However, a few months after the procedure, she reported arm pain.  It was odd, and specific: if she used her arms too much, like folding clothes, they would feel achy and only improved if she rested and drank cold water.  Otherwise, she was as active as her arthritic hips allowed, shuttling her grandchildren to school through Los Angeles traffic and caring for her aging husband.

I reassured her that her pain was not cardiac because her symptoms were not triggered with exertion and relieved by rest, and because she had a normal angiogram just a few months prior.  I suppose the first time she came to see me, that was understandable.  But she came back a few more times over the next few months with worsening symptoms.  Her echocardiogram was normal.  I shrugged, reassured her, and moved on.

Then, her husband passed away, and she presented 4 days later with shortness of breath.  Echocardiogram showed an ejection fraction of 25 percent with apical ballooning consistent with a stress cardiomyopathy. Her minimally elevated troponin fit this picture.  But since stress cardiomyopathy is a diagnosis of exclusion, she underwent coronary angiography.

The angiogram showed that her coronary arteries were perfect, just as they had been 16 months prior — except for a 99 percent ostial left main stenosis that appeared mechanical and related to TAVR placement.  This is a zebra of a diagnosis with just a few case reports in the literature. But I should have known something was amiss, that her vague and atypical symptoms were a sign of something ominous.  I lay awake at night thinking about the ischemia that led to myocardial stunning and a reduced ejection fraction, and the grandkids that she drove to school every day.  Los Angeles freeways are harrowing enough, even if you’re not over 80 with a critical left main coronary artery stenosis.

I missed a rare diagnosis because I focused just on the symptoms and not on the context.  Here are my 5 tips on what to consider, besides what the patient actually says, so maybe this won’t happen to you.
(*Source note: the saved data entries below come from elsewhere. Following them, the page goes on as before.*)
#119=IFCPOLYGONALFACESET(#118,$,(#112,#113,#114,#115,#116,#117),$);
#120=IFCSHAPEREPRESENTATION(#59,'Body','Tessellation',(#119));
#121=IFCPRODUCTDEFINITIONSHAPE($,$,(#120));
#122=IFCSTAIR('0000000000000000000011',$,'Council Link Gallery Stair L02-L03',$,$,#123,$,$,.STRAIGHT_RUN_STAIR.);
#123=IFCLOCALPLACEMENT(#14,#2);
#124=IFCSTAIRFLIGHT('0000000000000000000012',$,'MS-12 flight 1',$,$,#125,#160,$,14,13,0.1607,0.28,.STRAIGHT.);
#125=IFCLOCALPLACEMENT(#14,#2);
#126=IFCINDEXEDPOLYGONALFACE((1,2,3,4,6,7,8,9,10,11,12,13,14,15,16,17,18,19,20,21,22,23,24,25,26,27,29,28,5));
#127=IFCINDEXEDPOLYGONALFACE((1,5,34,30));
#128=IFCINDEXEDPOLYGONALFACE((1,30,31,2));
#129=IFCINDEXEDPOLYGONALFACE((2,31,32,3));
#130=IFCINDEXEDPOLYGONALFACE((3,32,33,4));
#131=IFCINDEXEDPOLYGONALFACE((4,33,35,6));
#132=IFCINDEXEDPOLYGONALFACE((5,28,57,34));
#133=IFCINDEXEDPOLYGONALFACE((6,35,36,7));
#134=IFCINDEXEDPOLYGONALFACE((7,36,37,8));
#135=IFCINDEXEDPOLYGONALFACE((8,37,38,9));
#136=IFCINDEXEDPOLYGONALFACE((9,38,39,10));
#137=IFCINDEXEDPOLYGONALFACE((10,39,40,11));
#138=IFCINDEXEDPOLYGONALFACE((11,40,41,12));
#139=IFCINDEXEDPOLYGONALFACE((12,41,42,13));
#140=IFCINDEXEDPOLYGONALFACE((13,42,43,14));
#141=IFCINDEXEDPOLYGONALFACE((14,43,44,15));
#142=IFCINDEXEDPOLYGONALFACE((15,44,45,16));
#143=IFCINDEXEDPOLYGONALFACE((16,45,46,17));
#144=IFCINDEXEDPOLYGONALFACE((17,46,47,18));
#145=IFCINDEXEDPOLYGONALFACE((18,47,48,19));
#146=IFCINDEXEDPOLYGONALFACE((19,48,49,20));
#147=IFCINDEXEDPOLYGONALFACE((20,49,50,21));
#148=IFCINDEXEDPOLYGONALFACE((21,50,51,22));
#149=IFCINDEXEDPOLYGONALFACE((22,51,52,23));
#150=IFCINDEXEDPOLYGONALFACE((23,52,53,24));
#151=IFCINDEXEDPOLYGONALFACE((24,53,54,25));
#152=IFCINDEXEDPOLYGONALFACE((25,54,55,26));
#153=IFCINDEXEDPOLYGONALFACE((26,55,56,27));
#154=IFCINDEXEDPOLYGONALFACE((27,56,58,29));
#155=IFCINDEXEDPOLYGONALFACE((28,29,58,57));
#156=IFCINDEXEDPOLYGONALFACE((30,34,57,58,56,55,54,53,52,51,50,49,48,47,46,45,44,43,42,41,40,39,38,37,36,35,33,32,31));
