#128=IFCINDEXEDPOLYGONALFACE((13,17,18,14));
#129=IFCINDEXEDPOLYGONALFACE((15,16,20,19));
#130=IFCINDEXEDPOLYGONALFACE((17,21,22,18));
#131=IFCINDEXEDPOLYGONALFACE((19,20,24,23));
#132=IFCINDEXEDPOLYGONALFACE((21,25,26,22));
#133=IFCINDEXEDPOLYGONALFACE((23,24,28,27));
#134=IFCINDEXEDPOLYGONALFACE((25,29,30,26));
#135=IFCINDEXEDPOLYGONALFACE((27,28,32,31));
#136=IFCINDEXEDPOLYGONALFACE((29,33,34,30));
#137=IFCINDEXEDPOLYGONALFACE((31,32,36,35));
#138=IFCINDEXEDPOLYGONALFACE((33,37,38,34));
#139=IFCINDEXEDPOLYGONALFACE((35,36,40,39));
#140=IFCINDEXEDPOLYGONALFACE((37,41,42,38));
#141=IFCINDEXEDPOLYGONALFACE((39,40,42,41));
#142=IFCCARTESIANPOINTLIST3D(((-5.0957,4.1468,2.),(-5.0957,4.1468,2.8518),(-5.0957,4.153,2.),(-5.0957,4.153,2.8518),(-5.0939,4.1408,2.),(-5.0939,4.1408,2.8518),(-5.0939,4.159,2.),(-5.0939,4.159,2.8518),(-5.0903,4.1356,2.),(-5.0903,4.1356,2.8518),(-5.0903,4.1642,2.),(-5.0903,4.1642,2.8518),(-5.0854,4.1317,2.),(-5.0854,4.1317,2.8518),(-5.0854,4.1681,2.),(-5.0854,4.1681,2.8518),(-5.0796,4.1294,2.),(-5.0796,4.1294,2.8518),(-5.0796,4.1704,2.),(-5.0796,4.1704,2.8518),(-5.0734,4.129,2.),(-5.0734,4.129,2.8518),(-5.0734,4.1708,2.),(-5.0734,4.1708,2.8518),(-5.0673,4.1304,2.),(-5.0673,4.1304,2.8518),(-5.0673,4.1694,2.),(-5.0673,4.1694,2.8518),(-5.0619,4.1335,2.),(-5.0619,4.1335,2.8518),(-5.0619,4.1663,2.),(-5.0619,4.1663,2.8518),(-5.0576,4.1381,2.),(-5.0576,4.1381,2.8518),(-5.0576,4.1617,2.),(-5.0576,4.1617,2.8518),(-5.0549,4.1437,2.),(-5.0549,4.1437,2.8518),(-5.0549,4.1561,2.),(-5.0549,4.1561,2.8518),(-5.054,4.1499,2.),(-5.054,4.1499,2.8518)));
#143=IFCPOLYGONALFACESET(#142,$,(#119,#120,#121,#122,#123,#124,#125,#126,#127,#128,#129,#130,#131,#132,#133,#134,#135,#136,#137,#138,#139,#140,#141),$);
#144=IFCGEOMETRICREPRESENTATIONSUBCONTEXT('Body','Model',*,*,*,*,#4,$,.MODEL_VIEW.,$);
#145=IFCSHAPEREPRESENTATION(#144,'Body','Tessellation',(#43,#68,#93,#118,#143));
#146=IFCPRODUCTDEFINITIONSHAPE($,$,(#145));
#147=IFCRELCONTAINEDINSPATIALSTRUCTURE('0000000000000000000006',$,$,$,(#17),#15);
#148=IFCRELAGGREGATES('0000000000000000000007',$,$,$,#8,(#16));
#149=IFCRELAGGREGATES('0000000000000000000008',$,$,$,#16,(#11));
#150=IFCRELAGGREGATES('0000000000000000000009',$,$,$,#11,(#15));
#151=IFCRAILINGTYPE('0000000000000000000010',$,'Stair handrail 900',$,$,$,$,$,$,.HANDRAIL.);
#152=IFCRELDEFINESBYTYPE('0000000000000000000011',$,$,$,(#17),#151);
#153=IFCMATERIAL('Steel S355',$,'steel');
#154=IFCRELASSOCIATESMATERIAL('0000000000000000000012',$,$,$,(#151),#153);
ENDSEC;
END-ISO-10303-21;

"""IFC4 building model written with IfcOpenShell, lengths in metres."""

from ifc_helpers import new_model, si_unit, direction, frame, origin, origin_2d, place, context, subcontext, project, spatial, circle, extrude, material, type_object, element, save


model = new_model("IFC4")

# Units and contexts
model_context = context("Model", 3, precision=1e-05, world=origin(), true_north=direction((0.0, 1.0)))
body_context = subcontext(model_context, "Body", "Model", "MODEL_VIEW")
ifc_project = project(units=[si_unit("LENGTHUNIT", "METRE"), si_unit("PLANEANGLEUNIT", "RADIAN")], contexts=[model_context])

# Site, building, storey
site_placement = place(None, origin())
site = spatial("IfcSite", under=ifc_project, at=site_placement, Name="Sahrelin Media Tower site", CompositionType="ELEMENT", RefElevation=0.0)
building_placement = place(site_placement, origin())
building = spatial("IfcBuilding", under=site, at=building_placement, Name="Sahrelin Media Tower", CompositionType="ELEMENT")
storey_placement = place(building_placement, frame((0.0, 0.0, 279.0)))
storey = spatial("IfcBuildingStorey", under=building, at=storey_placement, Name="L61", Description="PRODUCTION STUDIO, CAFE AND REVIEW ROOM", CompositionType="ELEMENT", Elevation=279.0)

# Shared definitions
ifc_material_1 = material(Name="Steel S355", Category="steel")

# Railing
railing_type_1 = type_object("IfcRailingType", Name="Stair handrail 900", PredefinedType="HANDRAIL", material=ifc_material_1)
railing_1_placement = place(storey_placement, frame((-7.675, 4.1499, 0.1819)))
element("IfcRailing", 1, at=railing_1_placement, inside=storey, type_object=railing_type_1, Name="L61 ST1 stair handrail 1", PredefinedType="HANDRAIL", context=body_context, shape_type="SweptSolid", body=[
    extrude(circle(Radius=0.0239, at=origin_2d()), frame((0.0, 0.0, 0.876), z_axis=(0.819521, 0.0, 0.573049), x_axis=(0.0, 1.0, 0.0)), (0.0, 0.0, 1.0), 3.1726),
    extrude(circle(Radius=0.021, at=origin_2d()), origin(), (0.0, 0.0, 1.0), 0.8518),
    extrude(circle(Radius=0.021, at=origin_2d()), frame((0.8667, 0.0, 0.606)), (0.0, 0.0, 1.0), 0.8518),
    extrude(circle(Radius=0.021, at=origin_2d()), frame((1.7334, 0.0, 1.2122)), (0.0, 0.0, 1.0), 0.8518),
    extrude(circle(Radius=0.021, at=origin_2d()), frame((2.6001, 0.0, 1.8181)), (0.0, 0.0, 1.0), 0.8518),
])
1. Personality. Some patients will report every symptom to you, while others mention nothing unless prodded. This patient fell into the latter category.  I should have realized that it was not in her nature to come back to me for multiple visits after I had already reassured her and I should have delved more deeply into her complaints.  Family members can be a great resource.  Speaking to her daughter after the fact, it turns out her symptoms were absolutely exertional, though the patient for whatever reason did not describe them as such.
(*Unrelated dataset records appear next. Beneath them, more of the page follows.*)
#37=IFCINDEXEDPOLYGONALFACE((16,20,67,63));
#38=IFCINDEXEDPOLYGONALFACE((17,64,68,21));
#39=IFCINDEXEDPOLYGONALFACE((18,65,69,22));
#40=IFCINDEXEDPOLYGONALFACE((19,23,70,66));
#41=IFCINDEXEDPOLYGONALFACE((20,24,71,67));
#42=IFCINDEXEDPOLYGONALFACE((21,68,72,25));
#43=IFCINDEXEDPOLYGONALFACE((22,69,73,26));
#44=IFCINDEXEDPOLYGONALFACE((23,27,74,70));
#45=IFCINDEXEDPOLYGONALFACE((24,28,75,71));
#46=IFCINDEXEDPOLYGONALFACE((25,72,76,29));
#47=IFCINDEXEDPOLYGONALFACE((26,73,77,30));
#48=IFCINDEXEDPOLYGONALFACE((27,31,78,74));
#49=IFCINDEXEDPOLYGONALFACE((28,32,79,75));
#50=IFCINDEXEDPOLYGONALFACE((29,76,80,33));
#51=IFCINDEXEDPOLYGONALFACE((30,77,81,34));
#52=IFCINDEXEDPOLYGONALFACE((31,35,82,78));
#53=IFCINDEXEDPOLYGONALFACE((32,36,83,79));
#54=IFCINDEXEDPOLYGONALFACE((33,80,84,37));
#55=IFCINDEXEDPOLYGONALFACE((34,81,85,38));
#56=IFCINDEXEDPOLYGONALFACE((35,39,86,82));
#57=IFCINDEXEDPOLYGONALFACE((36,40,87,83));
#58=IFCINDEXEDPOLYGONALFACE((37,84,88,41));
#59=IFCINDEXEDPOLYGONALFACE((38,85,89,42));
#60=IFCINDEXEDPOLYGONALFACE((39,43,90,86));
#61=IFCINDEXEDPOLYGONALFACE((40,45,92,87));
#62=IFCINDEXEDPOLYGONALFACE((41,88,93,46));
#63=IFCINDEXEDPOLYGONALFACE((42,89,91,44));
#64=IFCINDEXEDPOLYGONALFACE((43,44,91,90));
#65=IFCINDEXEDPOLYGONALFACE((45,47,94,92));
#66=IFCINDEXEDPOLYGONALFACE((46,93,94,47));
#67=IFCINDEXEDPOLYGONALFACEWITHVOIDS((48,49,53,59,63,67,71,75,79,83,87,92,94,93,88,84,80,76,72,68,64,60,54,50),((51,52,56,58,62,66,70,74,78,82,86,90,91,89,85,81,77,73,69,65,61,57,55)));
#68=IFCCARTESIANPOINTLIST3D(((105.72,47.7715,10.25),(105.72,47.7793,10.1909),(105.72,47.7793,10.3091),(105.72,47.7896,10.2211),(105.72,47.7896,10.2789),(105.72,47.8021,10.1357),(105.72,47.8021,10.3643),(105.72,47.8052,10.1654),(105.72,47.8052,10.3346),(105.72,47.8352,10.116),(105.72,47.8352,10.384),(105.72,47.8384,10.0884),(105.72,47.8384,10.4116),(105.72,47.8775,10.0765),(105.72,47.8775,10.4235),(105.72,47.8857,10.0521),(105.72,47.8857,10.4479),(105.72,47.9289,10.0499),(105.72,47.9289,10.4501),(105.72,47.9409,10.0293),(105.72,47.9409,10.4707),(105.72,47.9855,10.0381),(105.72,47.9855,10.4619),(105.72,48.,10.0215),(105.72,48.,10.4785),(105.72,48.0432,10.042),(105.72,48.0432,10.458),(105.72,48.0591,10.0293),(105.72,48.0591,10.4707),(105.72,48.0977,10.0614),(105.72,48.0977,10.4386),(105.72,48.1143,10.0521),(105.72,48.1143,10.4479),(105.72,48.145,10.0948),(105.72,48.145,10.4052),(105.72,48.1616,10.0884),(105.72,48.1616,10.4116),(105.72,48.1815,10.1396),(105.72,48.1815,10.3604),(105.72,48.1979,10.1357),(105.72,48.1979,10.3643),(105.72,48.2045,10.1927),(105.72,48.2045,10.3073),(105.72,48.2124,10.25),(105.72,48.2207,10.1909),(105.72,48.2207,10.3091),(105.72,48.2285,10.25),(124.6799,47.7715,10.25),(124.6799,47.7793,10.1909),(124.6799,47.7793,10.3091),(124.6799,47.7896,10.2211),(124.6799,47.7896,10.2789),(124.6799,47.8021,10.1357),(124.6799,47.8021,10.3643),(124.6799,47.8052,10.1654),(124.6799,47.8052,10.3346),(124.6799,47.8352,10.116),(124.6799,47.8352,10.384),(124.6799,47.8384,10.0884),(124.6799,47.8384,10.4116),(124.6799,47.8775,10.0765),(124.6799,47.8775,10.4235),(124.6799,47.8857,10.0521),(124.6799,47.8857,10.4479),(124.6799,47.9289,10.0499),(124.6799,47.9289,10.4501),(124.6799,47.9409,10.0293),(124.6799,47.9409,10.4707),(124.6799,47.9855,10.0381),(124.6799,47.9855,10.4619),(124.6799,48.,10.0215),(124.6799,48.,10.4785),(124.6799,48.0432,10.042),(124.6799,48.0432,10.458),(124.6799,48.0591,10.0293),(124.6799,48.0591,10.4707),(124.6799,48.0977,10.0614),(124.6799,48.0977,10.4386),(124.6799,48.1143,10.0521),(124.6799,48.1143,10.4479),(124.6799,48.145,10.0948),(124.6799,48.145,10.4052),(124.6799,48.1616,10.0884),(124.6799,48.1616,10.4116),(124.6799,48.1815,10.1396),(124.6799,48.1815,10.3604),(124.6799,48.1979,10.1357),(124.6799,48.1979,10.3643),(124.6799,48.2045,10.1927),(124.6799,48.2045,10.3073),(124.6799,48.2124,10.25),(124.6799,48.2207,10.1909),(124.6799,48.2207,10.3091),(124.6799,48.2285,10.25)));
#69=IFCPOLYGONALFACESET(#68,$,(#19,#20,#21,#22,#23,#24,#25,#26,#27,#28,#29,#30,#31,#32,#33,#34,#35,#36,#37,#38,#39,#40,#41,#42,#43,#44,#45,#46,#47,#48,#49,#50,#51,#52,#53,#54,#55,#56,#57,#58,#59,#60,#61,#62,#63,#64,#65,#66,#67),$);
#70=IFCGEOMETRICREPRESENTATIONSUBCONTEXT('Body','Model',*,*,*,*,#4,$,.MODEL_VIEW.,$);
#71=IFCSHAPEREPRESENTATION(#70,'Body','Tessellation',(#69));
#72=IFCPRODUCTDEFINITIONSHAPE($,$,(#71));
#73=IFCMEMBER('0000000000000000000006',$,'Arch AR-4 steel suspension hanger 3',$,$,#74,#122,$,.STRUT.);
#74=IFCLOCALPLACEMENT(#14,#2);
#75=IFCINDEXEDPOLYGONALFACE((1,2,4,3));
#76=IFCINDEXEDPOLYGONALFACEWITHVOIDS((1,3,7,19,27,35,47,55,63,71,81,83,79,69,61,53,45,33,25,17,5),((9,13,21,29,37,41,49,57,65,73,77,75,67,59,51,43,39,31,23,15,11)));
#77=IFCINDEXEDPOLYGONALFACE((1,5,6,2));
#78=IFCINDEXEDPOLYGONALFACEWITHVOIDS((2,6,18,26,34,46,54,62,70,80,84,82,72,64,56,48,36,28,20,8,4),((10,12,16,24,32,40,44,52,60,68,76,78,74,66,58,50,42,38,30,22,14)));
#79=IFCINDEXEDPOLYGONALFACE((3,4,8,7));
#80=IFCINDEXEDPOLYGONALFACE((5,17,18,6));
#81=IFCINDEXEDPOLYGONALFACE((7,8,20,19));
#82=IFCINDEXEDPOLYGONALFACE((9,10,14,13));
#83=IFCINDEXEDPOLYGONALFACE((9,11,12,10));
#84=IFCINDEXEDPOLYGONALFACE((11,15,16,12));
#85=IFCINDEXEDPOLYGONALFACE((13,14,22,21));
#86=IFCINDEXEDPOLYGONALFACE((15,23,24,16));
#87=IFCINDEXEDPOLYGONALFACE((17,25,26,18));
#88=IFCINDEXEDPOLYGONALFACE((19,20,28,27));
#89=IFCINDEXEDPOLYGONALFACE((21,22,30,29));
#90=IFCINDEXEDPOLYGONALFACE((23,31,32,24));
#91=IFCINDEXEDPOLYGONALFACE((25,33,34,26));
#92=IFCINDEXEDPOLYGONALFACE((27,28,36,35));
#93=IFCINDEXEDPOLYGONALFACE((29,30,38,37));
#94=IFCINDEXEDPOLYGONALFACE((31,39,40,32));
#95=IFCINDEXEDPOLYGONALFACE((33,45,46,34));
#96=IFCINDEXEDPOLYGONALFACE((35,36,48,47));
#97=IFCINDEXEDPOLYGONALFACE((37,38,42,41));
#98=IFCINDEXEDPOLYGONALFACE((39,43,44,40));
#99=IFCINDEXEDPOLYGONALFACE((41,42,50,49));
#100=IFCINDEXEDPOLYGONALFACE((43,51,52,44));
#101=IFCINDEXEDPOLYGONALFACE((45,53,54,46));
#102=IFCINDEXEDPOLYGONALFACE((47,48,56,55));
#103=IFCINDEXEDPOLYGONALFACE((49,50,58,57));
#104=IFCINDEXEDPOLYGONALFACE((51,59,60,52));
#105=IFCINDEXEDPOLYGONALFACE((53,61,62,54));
2. Location. Most people dislike the emergency department. It’s noisy and chaotic, and you have to wait a really long time to see a doctor. So a patient who doesn’t call their doctor’s office for an appointment, or go to urgent care, but goes to the ED, is really worried.  I take patients more seriously when they show up in the ED.  If a 60-year-old man has burning chest pain after dinner and presents to the ED that night and not to your office a week later, it probably means he needs more than a proton pump inhibitor.
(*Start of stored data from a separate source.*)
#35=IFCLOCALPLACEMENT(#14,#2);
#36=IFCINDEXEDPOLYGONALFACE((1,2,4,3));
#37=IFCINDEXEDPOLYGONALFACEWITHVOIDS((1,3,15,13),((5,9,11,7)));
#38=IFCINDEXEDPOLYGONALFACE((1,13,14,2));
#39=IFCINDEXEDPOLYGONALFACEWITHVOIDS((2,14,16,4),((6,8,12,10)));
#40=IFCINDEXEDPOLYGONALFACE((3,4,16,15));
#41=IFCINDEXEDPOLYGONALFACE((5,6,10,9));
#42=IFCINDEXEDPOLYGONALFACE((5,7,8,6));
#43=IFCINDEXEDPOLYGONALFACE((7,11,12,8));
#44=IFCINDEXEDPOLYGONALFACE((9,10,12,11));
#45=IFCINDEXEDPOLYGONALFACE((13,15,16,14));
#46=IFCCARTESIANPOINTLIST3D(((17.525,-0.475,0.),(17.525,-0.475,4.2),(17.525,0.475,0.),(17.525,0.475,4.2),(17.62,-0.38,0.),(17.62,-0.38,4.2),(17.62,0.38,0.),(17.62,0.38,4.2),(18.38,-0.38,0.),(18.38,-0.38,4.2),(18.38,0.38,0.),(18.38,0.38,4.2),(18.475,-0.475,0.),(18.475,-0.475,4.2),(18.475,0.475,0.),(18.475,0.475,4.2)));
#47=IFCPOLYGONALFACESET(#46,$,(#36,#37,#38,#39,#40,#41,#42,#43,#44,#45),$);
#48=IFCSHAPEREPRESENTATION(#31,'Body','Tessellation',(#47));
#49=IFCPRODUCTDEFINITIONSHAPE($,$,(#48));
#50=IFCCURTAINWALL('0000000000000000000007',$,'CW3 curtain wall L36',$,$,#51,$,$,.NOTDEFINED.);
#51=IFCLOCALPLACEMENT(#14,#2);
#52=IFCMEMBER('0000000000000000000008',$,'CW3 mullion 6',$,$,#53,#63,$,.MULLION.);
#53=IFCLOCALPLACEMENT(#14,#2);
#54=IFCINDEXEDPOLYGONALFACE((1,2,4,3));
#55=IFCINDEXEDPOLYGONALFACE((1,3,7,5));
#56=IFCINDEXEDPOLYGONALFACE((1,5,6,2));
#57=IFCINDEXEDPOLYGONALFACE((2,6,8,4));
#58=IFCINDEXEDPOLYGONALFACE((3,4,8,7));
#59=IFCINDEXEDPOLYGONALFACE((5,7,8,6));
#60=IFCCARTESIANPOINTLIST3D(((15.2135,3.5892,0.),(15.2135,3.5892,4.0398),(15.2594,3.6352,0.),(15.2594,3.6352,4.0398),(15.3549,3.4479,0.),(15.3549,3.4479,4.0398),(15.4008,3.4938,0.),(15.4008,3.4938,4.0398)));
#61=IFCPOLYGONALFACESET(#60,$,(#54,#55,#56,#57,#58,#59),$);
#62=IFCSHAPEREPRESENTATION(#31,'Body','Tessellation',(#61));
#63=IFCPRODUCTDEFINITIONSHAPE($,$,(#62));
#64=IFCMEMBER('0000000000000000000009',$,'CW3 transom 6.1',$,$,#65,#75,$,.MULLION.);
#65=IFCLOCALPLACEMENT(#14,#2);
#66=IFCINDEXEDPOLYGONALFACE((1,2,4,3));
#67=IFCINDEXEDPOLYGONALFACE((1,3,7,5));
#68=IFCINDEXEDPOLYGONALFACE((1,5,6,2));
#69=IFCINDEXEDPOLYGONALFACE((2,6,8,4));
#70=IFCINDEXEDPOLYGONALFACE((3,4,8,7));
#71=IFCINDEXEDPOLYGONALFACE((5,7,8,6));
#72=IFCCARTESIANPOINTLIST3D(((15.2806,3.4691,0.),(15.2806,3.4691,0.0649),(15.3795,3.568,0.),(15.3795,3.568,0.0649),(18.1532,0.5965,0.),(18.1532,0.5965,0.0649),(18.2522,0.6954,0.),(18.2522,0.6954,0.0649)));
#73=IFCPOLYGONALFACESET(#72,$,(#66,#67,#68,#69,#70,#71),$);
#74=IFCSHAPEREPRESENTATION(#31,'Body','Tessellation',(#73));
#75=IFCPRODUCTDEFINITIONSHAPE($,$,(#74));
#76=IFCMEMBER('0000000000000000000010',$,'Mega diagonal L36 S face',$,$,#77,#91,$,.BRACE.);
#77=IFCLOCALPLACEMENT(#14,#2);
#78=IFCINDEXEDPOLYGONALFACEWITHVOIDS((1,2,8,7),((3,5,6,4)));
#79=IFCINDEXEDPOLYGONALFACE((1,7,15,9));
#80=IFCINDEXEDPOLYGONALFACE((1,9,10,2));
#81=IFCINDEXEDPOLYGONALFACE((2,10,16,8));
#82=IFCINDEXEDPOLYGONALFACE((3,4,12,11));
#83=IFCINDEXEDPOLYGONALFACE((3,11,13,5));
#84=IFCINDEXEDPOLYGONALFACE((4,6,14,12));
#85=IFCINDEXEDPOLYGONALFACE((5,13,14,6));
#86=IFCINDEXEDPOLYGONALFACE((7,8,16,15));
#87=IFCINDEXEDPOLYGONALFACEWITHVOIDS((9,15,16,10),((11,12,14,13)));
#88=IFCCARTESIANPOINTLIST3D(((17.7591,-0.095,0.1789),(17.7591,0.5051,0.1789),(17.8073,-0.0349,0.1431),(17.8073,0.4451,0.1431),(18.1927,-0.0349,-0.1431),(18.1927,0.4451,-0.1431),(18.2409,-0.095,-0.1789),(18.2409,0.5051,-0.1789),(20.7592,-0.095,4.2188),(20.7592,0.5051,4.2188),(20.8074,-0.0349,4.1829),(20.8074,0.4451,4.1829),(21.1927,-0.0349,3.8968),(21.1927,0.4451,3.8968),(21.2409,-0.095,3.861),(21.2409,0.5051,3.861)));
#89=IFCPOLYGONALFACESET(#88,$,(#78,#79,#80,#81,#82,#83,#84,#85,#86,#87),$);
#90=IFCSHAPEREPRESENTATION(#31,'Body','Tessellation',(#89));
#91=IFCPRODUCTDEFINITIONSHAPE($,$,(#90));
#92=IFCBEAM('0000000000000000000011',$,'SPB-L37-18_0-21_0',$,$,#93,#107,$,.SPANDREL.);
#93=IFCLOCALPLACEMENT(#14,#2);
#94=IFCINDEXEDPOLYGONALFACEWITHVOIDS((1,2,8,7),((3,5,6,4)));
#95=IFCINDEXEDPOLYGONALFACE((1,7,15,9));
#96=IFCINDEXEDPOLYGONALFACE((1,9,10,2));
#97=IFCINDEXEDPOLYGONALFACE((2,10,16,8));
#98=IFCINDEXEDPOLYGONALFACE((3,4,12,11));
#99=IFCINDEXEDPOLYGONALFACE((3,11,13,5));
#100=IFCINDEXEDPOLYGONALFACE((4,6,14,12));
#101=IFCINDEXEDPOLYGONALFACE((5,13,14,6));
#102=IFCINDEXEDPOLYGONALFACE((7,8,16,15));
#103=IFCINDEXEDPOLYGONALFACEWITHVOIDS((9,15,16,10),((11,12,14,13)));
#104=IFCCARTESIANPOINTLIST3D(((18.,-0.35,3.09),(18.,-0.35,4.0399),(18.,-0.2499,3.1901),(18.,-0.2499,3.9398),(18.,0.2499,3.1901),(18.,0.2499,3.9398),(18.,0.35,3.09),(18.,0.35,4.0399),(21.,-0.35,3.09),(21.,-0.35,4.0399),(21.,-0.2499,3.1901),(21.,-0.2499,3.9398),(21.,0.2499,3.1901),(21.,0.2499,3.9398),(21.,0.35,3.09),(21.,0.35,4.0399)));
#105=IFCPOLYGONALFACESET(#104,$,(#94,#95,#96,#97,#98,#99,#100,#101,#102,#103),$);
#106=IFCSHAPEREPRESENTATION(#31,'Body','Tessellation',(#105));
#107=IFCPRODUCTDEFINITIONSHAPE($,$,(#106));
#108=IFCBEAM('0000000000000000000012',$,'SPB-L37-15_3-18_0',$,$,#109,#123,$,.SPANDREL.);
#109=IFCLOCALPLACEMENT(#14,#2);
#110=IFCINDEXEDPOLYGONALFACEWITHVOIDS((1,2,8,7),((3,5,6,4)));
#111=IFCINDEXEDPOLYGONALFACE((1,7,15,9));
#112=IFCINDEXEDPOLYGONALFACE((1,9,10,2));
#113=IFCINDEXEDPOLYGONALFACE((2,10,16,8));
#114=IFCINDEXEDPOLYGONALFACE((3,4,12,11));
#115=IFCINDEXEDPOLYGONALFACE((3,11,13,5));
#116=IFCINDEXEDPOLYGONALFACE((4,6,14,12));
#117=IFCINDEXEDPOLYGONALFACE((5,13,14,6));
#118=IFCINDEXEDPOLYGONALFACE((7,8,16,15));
3. Trajectory. Patient stories have a rhythm: symptoms get better, or get worse, or wax and wane. Have the palpitations been going on for 10 years, occurring three nights a week right before bed for a few seconds, triggered mainly by alcohol use with dinner? Probably benign premature beats.  Does the heart race abruptly for minutes accompanied by near-fainting and, over the past week, shortness of breath?  Maybe a re-entrant tachycardia with cardiomyopathy.  We all know that the longer a symptom has been going on for, the less likely it is to be life-threatening.  But the caveat to this is worsening symptoms.  A symptom that progresses should be respected.

4. Trigger. In relation to #3, sometimes a patient has had a symptom forever, but something triggers them to seek medical attention. So, when the trajectory is flat but the patient is concerned, the trigger can offer insight. Was their next-door neighbor with the same symptoms was just diagnosed with cancer? Did a friend prod them to finally seek medical attention?  Or is the symptom now interfering with their activities?  Knowing the trigger may help differentiate between anxiety and something serious.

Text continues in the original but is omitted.